Time course of P2X₇R current amplitudes recorded at +80 (open symbols) and −80 mV (filled symbols) in cells dialyzed and bathed with solutions containing 140 mM NaCl (triangles, upper panel) or 140 mM TEACl (circles, lower panel). Black lines indicate application of 5 mM ATP(Tris)₂ and double arrowhead lines indicate application of 0.5 mM or 2.5 mM CB (in the presence of Na⁺ or TEA⁺, respectively). B: Dose-response curve of CB blockade obtained in NaCl (triangles) or TEACl conditions (circles). The number of cells tested were 4, 4, 5, 4, 3, 5, 2, 7, 3 for 0.1, 1, 10, 50, 100, 250, 500, 1000 and 2500 μM CB, respectively. For the experiments in TEA⁺ only two high-concentration data points are plotted: 1000 (n=4) and 2500 (n=3). Continuous line is the fit with Eq. 3 and yielded an EC₅₀=3.9 μM with maximum block of 64 % and a Hill coefficient= 0.5. Note that CB *stimulates* P2X₇R currents in cells dialyzed and bathed in Na⁺-free solutions containing 140 mM TEA⁺ (filled circles).

Discussion

The results presented here and those previously published (Arreola and Melvin, 2003) show that I_ATPCl and I_ATP-P2X7 exhibit similar pharmacology.

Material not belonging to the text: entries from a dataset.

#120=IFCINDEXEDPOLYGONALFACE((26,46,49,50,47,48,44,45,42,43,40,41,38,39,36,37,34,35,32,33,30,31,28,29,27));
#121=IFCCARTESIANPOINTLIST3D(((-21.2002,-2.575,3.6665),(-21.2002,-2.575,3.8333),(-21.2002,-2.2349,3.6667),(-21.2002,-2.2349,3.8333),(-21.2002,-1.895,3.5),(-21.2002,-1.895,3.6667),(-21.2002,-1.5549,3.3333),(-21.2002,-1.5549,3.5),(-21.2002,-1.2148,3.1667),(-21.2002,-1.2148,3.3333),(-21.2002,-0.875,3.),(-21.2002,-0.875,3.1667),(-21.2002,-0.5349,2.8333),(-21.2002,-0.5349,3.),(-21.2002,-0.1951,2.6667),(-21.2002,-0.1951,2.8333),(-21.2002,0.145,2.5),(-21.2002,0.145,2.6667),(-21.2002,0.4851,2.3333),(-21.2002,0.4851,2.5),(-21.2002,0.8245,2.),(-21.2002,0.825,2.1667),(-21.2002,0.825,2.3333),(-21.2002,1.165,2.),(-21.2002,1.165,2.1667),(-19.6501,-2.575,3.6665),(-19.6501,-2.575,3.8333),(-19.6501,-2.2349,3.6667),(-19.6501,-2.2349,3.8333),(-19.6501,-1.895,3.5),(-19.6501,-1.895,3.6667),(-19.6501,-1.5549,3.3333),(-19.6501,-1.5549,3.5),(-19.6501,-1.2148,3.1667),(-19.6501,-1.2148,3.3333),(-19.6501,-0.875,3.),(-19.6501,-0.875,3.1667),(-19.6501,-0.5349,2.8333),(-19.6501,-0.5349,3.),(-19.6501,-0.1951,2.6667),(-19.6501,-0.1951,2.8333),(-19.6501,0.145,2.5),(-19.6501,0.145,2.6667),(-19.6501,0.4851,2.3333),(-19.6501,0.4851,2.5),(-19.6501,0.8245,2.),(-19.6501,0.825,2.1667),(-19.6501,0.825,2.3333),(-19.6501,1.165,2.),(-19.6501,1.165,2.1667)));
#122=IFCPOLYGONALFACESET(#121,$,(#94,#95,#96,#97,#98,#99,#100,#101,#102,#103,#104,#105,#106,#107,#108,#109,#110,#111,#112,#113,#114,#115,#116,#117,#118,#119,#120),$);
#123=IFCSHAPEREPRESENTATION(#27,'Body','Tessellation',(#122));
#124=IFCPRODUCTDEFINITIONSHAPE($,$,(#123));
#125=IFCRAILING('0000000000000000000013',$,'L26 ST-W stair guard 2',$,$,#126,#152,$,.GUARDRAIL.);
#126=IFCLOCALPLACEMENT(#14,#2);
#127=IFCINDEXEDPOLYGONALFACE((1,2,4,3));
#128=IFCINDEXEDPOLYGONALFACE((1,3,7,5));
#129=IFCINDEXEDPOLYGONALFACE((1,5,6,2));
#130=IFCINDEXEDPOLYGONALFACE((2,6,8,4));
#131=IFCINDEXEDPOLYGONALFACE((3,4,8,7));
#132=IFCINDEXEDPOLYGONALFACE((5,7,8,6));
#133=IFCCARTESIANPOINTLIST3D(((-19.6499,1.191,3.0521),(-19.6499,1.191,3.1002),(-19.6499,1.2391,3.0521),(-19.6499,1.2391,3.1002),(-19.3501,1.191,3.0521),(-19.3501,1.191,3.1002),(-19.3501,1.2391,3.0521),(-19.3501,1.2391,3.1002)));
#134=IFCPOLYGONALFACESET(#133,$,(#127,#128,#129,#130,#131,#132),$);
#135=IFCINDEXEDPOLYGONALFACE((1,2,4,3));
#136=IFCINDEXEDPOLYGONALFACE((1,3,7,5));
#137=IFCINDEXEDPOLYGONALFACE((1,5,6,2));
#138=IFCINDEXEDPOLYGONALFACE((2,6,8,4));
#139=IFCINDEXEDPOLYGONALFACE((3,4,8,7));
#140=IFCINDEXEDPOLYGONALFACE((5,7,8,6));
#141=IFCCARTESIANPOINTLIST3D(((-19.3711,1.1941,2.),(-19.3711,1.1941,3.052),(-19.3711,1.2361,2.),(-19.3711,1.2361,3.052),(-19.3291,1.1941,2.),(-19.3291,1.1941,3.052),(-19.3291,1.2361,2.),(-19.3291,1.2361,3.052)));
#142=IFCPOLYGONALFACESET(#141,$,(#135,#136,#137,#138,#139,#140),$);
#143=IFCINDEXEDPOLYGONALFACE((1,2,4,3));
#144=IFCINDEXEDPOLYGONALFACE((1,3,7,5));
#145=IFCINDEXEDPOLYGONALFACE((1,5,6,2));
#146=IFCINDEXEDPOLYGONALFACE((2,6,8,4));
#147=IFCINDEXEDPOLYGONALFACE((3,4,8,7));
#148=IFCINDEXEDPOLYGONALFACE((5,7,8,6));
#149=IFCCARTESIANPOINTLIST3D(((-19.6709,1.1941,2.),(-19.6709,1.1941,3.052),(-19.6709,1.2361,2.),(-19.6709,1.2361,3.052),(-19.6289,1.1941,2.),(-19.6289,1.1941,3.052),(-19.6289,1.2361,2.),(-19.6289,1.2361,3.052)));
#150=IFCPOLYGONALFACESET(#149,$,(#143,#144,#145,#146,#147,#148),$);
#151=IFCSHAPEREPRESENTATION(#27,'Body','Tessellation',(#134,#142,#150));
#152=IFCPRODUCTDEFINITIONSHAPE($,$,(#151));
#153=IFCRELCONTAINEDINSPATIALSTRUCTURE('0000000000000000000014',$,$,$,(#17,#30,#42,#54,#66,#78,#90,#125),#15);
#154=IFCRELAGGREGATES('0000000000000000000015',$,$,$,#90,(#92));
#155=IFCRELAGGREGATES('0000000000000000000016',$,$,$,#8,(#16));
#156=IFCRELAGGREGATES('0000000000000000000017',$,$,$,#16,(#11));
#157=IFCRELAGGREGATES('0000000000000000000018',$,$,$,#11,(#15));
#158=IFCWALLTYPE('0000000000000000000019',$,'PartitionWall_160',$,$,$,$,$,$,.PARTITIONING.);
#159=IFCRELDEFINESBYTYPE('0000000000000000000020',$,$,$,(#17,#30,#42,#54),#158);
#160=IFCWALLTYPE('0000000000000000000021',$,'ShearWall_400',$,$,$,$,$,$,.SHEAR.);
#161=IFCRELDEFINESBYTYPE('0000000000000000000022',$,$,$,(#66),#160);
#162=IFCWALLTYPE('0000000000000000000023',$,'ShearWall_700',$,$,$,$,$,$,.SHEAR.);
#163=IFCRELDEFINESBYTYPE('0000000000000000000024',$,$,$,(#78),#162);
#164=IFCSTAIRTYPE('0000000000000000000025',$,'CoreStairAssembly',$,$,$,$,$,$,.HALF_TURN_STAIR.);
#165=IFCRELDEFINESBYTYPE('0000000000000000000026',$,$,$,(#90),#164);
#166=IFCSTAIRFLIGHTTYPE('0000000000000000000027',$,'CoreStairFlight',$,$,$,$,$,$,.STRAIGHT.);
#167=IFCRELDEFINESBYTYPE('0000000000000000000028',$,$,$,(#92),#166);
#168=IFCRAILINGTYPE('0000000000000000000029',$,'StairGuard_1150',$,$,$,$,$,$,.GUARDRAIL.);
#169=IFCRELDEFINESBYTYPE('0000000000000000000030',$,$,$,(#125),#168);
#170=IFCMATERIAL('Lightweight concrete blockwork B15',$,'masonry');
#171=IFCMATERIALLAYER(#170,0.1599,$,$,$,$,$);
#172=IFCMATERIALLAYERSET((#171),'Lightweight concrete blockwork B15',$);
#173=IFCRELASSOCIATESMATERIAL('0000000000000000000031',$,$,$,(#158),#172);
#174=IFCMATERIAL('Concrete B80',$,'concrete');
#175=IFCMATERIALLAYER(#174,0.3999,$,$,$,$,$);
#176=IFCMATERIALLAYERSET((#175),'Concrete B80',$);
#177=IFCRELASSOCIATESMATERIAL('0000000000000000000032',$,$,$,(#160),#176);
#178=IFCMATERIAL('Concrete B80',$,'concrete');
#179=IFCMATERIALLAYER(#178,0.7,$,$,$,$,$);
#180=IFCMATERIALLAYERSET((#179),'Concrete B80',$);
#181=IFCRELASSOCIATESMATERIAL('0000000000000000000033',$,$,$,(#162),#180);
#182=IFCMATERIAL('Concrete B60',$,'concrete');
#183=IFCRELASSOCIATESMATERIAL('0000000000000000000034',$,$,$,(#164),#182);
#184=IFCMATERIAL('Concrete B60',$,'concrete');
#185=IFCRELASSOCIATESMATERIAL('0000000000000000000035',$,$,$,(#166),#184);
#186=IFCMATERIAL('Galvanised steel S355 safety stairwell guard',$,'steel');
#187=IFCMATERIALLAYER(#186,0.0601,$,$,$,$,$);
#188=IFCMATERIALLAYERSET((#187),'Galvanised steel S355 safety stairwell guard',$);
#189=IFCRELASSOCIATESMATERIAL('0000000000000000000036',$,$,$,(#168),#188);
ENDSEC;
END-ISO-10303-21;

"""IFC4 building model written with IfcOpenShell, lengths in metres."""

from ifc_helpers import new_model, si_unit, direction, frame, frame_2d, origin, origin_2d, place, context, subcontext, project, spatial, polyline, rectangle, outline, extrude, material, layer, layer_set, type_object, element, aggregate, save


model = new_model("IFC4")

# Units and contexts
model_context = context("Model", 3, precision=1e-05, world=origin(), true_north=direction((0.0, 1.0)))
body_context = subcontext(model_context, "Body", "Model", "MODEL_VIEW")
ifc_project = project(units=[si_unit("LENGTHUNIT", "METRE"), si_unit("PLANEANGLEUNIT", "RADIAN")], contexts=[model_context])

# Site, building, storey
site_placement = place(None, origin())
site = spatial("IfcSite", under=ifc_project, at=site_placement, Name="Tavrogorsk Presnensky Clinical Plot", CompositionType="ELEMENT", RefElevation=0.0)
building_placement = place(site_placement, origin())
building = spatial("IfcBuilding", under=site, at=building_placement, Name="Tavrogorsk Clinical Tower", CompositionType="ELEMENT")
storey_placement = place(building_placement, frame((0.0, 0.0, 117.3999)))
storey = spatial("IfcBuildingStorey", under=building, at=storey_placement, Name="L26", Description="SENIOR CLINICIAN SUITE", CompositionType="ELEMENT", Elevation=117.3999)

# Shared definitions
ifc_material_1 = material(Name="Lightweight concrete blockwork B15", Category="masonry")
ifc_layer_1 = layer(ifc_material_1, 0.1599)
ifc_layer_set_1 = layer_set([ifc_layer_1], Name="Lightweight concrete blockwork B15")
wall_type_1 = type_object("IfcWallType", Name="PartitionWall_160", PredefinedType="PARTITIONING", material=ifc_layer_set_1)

In acinar cells I_ATPCl is activated by Bz-ATP>ATP>ADP, similarly I_ATP-P2X7 in HEK-293 cells is activated by ATP>ADP. Additionally, 5 mM AMP-PNP and ATPγS did activate I_ATPCl while 5 mM CTP induced only partial activation. Other nucleotides and ATP metabolites, such as GTP, UTP, AMP and Adenosine were unable to activate I_ATPCl. With the exception of ADP and Bz-ATP, these compounds were not tested on heterologously expressed P2X₇R in this work. However, the ability of the above mentioned agonists to activate I_ATPCl resembles their ability to activate P2X₇R as reported by others (North, 2002; Ferrari et al., 1999; Solini et al., 1999; Hugel and Schlichter, 2000; Lambrecht, 2000; Idzko et al., 2001; Panenka, 2001; Budagian et al., 2003; Inoue et al., 2005). Our work also verify that P2X₇R generate I_ATPCl in mouse parotid acinar cells since I_ATPCl is absent in P2X₇R−/− mice (see also Li et al., 2005).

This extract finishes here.